Really hard, but it will help your conditioning for boxing more.


----------



## danny81 (May 3, 2008)

thanks bro. check in later 2day or 2morrow im gunna do 10 minutes jumprope
30 sec mad fast 30 sec rest
then 10 minutes burpees
30 sec mad fast 30 sec rest


----------



## goob (May 3, 2008)

danny81 said:


> thanks bro. check in later 2day or 2morrow im gunna do 10 minutes jumprope
> 30 sec mad fast 30 sec rest
> then 10 minutes burpees
> 30 sec mad fast 30 sec rest


 
10 minutes burpees???  You'll want to video that.  

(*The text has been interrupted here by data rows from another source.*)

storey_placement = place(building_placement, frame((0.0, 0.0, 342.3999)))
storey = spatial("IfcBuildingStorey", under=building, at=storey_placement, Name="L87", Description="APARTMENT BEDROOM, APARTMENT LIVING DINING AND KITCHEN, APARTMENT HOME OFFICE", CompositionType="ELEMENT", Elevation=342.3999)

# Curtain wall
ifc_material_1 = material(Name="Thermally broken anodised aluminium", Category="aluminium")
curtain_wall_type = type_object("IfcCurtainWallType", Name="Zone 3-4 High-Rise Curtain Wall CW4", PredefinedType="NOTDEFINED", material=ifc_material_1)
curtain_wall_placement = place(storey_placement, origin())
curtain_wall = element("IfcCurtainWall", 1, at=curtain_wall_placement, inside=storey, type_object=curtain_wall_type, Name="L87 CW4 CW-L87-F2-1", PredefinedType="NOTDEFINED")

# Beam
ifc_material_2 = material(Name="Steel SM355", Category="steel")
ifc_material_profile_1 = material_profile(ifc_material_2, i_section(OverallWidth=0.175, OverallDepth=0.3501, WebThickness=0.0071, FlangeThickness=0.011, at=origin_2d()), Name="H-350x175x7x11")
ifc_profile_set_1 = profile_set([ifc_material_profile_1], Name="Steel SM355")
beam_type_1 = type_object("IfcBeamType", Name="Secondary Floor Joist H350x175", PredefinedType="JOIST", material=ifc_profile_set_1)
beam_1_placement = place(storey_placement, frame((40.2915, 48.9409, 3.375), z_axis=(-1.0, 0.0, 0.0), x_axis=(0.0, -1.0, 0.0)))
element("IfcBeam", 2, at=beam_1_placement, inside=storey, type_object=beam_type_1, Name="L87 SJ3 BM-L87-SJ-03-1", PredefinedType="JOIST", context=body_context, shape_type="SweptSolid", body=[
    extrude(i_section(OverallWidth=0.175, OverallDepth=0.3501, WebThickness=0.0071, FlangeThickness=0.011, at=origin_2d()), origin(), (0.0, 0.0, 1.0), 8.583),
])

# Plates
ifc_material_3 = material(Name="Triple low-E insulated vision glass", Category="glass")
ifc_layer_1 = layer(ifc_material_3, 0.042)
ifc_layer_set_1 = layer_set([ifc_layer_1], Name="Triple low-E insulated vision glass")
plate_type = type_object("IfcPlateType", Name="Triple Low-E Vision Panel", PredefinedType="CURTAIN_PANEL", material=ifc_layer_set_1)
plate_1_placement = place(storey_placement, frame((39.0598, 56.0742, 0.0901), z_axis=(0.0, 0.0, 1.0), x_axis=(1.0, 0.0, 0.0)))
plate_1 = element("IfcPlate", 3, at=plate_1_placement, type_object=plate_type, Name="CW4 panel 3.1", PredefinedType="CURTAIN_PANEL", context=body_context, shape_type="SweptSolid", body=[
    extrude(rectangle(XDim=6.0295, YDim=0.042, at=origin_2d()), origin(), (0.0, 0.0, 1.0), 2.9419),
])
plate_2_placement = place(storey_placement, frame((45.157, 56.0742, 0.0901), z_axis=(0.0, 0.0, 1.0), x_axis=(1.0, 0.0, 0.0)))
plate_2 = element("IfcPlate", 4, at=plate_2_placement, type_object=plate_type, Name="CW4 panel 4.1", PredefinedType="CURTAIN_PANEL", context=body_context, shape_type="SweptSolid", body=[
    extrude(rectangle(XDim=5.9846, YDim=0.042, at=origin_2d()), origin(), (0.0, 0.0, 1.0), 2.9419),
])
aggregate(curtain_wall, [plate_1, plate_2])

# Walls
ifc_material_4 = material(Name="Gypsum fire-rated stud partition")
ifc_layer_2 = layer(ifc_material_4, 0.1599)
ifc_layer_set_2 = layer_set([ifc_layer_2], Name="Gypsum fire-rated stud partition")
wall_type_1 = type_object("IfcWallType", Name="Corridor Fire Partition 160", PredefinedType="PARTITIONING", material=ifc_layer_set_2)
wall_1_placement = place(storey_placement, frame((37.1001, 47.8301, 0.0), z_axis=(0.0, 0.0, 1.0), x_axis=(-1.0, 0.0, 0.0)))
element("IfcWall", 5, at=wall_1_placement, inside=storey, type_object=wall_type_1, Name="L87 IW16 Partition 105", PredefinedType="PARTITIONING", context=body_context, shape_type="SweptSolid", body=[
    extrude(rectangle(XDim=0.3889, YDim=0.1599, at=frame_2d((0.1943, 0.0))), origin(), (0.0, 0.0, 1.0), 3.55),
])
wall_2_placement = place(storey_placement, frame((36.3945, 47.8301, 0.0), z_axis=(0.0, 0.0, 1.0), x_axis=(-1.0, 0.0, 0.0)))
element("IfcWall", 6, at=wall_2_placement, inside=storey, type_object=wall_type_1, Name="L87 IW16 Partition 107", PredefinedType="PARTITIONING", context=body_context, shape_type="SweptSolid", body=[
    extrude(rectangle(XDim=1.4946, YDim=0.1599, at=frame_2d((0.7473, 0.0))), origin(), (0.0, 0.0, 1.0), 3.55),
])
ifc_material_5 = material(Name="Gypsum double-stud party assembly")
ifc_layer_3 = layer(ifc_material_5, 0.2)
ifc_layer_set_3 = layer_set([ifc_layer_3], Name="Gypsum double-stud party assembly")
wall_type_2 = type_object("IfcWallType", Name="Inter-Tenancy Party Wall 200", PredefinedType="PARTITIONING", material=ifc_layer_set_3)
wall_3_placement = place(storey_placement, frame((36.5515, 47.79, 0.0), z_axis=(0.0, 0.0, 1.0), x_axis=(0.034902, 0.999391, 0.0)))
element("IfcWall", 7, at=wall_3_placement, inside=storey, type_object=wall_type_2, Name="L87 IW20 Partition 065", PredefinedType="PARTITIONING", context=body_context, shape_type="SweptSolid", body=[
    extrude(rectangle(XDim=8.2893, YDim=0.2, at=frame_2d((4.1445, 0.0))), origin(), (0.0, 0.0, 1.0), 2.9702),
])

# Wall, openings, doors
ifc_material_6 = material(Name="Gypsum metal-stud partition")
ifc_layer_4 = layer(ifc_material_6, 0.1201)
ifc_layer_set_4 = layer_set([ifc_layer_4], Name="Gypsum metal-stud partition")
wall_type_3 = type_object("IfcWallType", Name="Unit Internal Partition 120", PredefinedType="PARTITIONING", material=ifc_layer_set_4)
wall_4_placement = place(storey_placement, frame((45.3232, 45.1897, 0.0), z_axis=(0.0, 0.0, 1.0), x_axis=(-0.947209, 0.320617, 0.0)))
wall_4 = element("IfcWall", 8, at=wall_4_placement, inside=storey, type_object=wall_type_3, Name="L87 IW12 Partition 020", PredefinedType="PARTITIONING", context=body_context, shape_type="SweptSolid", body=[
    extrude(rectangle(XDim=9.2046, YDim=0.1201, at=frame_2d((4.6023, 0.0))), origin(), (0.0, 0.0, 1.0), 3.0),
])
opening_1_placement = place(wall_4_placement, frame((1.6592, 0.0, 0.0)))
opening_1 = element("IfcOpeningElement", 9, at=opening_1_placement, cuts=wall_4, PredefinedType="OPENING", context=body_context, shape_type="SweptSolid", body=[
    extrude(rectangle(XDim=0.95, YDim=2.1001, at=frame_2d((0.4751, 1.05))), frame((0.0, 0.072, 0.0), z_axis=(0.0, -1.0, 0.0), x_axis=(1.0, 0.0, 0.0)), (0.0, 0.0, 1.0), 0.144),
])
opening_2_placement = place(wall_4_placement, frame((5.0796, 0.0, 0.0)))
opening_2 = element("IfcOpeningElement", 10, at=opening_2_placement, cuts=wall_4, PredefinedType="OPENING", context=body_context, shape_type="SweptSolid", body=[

Try that time scheme I told you, it really is killer.  Will help you loads.


----------



## danny81 (May 3, 2008)

2 hrs basketball
well heres my times
jumprope 10 minutes
30 sec jump 30 sec rest
41;70 74 65 68 70 84 86 73 84

then same for burpees
10 9 9 6 7 7 8 6 8 10


----------



## CORUM (May 6, 2008)

from what i read so far looks pretty good!!


----------



## danny81 (May 6, 2008)

Thanks bro i couldnt trai today or thee day before i had alcohol poisoining(i think) im not sure but i got mad drunk yesterday and now todya im throwing up like crazy. lol.


----------



## CORUM (May 7, 2008)

That sucks. well few questions you may have answered this but i dont have time to go through 17 pages of stuff. how long are your rest periods between boxing rounds. (guess i'll keep my questions around that since you want to be a fighter) and do you ever do focus training on your punches, like nothing but jabs, or crosses, hooks things like that? just my recommendation if your training for 3 min rounds your should do like 5 minute rounds in training. and sometimes do like 30 or even 20 second rest periods between rounds. you will be dead tired, but i think that will teach your body to keeping going even extremely drained. or do extremely difficult cardio and then go into the boxing training. things like that. good luck and keep it up!!! doin good for 16


----------



## danny81 (May 7, 2008)

20 minutes of pushups i got 278.
then i went and played basktball for about 2 hrs


----------



## danny81 (May 7, 2008)

CORUM said:


> That sucks. well few questions you may have answered this but i dont have time to go through 17 pages of stuff. how long are your rest periods between boxing rounds. (guess i'll keep my questions around that since you want to be a fighter) and do you ever do focus training on your punches, like nothing but jabs, or crosses, hooks things like that? just my recommendation if your training for 3 min rounds your should do like 5 minute rounds in training. and sometimes do like 30 or even 20 second rest periods between rounds. you will be dead tired, but i think that will teach your body to keeping going even extremely drained. or do extremely difficult cardio and then go into the boxing training. things like that. good luck and keep it up!!! doin good for 16



i do 3 minute rounds with 1 minute rest. yes i work just one punch at a time sometimes.


----------



## CORUM (May 7, 2008)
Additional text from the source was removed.